I got the black screen along with the screeching a few days after the L4.01 update but have not seen it since.


----------



## AVJohnnie

Hall said:


> I had this happen a few days and put it off as "user error" but it did it again to me today. Here's the steps:
> 
> 
> Press DVR (3) times
> Choose "Timers" from right
> Select a program (a timer event) from the list
> Choose Delete from right
> Confirm "Yes"


Another oddity with the Daily schedule screen (accessed via 3 DVR button pushes) that I've had with L4.01 occurs when I "Restore" a skipped event. More often than not it will continue to show as skipped in the schedule screen until I completely exit all DVR menus and come back in again.


----------



## AVJohnnie

Mike D-CO5 said:


> IT seems to me the dish or the receiver, is having problems deciding whether to go to 129 or 61.5 for my hd channels and it is causing the lost locks. IF I go to check say RAVE channel on the transponder and it is on 129, but the message under the strength menu is in red and says wrong satellite 61.5 , then this creates a lost lock.

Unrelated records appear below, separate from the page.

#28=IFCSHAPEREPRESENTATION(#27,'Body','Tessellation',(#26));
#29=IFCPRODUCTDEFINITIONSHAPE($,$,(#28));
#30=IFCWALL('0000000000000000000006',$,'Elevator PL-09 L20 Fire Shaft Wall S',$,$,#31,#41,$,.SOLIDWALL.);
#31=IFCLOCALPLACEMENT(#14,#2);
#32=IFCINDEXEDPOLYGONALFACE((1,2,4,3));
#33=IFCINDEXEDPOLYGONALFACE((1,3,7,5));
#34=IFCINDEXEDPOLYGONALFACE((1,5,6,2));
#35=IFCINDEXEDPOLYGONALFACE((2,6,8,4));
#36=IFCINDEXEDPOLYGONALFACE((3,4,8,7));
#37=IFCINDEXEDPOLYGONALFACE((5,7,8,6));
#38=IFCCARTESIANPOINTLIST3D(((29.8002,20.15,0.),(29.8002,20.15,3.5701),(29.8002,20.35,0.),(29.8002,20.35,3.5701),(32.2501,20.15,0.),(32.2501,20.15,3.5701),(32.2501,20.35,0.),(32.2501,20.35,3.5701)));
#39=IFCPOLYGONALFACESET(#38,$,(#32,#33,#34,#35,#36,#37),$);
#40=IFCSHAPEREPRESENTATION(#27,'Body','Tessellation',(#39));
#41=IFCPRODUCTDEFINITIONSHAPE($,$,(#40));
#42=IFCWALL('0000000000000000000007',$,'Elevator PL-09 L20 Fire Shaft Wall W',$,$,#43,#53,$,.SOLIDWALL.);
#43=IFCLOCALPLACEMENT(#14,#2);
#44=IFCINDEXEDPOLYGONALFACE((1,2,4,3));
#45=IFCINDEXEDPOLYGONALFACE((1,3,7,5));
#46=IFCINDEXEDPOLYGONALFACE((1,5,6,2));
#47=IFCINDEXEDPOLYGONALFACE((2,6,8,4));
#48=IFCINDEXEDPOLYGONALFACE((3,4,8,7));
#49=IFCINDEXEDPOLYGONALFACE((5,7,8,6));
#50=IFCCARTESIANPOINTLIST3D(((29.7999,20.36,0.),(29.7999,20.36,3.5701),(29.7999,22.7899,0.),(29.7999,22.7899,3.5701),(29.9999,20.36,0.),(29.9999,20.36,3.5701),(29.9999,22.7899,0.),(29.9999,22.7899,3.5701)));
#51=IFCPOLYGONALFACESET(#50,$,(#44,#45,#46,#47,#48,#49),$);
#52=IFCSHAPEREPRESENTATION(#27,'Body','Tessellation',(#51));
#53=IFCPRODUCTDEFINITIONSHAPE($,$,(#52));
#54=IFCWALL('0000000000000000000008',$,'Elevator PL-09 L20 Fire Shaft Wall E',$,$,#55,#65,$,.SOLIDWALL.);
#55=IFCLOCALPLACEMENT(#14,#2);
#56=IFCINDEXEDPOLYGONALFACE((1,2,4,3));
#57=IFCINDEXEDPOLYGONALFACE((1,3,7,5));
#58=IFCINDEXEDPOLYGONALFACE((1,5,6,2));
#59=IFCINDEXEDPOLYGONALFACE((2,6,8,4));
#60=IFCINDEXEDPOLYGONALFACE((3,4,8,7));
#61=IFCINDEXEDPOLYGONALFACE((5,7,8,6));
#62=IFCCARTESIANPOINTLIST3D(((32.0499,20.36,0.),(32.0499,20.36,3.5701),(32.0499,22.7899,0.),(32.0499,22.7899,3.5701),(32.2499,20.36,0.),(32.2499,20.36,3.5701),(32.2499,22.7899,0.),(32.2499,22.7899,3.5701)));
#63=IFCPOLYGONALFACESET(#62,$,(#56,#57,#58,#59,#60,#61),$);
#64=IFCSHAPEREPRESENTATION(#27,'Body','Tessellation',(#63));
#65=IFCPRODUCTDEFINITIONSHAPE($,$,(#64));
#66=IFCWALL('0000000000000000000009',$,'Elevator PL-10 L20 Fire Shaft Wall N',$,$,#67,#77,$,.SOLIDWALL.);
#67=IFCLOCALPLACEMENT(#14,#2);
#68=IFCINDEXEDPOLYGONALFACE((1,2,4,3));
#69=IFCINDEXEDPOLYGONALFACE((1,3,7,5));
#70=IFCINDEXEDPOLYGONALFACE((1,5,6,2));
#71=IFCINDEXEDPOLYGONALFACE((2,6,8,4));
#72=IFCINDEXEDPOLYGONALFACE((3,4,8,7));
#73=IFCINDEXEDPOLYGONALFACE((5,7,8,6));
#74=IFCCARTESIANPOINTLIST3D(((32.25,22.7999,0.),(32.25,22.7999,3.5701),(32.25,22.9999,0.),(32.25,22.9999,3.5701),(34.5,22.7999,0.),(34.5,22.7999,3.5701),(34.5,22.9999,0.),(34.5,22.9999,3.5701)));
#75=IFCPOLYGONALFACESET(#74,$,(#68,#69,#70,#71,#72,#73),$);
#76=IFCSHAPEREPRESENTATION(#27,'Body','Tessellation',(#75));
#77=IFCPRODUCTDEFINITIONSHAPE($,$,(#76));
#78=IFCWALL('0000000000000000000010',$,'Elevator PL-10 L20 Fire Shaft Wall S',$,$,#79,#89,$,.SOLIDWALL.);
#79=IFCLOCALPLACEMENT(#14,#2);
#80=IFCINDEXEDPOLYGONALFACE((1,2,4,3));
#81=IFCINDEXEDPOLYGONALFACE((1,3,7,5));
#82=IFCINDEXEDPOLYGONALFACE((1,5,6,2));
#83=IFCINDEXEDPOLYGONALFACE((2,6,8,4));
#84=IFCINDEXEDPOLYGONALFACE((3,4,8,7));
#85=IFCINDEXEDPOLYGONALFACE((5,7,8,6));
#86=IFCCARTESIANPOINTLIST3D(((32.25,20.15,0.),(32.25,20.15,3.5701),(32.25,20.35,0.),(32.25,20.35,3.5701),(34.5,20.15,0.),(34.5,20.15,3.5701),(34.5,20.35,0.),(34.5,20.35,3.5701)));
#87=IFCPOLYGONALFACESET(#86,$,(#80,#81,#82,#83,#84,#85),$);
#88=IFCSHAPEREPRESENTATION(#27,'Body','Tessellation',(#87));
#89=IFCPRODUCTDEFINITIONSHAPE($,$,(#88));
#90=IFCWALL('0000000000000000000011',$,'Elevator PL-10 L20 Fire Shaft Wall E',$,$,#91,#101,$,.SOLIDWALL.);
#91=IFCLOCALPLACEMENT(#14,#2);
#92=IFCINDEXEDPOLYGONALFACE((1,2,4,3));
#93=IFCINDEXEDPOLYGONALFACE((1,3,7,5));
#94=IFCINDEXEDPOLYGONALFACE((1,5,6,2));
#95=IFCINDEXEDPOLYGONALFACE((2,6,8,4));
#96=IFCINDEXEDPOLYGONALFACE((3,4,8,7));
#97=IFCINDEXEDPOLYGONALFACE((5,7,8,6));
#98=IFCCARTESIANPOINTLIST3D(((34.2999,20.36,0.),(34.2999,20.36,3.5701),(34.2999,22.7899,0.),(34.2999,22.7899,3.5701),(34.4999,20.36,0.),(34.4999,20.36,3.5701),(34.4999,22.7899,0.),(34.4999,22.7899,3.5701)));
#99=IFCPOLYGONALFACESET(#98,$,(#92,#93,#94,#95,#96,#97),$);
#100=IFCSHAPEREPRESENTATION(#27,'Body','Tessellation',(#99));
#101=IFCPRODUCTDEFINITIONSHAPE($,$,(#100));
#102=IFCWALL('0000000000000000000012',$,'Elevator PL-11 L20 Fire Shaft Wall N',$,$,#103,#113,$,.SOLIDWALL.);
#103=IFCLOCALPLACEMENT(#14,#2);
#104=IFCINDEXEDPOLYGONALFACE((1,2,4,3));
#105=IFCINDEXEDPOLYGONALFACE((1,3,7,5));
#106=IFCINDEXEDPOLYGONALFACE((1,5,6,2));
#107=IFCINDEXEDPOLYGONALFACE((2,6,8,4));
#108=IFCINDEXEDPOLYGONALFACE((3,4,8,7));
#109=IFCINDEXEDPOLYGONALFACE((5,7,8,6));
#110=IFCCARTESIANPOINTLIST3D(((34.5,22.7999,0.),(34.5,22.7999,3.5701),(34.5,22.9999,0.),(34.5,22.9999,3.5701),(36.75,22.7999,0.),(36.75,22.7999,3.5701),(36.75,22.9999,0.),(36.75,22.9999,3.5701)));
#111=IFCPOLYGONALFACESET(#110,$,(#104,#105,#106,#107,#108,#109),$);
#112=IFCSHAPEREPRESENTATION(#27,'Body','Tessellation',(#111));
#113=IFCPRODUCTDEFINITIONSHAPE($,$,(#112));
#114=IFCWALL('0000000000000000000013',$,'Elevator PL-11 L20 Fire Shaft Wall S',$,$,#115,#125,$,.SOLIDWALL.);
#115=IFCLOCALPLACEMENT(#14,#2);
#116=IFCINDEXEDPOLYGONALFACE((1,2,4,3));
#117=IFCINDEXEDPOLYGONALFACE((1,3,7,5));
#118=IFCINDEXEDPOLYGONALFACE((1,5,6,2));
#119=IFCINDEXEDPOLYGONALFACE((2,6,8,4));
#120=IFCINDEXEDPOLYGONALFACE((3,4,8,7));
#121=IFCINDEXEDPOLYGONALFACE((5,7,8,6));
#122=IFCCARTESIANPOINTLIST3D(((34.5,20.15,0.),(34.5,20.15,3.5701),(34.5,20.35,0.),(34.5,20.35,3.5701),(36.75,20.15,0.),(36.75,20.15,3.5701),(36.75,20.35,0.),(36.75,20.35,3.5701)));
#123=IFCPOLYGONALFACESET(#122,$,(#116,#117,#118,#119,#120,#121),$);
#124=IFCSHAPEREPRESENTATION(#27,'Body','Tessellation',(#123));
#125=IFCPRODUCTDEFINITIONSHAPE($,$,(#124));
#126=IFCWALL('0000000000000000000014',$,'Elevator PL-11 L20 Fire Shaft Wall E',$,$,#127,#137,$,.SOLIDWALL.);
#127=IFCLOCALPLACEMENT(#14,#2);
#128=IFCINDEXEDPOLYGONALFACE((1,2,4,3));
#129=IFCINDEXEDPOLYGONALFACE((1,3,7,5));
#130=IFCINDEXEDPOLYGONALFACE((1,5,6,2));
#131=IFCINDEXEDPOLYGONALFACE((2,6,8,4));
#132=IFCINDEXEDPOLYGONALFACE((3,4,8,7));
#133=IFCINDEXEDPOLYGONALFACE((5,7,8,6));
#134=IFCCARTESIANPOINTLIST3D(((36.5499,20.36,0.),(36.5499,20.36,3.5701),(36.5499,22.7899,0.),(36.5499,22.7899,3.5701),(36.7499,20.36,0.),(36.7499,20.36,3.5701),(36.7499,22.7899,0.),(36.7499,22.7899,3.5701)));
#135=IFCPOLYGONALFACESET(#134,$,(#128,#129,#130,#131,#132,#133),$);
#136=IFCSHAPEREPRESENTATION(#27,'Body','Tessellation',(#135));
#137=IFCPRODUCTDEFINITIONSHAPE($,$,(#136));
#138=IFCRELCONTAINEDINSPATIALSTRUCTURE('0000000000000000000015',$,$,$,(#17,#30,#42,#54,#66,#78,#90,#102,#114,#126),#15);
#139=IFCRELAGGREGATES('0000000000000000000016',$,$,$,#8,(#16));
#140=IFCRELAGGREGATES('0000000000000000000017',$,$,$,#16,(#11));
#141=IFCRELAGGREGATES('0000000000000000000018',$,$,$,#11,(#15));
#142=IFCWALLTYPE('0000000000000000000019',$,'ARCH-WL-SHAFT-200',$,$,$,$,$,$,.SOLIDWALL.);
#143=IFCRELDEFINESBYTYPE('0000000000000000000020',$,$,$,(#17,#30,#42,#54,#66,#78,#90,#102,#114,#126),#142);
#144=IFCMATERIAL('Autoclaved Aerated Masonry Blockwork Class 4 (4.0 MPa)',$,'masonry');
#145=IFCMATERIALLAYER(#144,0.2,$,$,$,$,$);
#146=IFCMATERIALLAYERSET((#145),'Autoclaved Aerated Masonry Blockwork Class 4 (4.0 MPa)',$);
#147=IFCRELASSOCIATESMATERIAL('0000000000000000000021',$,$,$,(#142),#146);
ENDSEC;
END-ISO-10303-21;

Interesting - that is exactly what the CSR told me she thought was happening on my system when I called support last week. I guess she figured it out based on the results of the tests she had me doing&#8230;


----------



## Mike D-CO5

AVJohnnie said:


> Interesting - that is exactly what the CSR told me she thought was happening on my system when I called support last week. I guess she figured it out based on the results of the tests she had me doing&#8230;


 I wonder if I disconnect the 61.5 sat if this will correct the lost locks?


----------



## AVJohnnie

Mike D-CO5 said:


> I wonder if I disconnect the 61.5 sat if this will correct the lost locks?


If you do it I'd be curious to hear your results. As for me, I'm going to wait and see if L4.02 gets things back to tolerable again.


----------



## Mike D-CO5

I just remembered that I used to have the 129 lnb covered with foil to get it out of the check switch matrix- so it would default to 61.5. I actually reran the check switch matrix so it would include the 129 sat after the initial download, because I thought it was causing my lost locks then. So I guess I will wait for L402 as well.

I am sure it is COMING SOON!


----------



## srrobinson2

On Tuesday, April 3 at 9:30PM EST, I was watching "The Unit" from my local CBS OTA HD station. I started watching the show 30 mins into it while it was still recording (started from the beginning). My 622 rebooted after watching the show for about 3 mins. After a very lengthy restart, I began watching the show again. 7 minutes later, it rebooted again.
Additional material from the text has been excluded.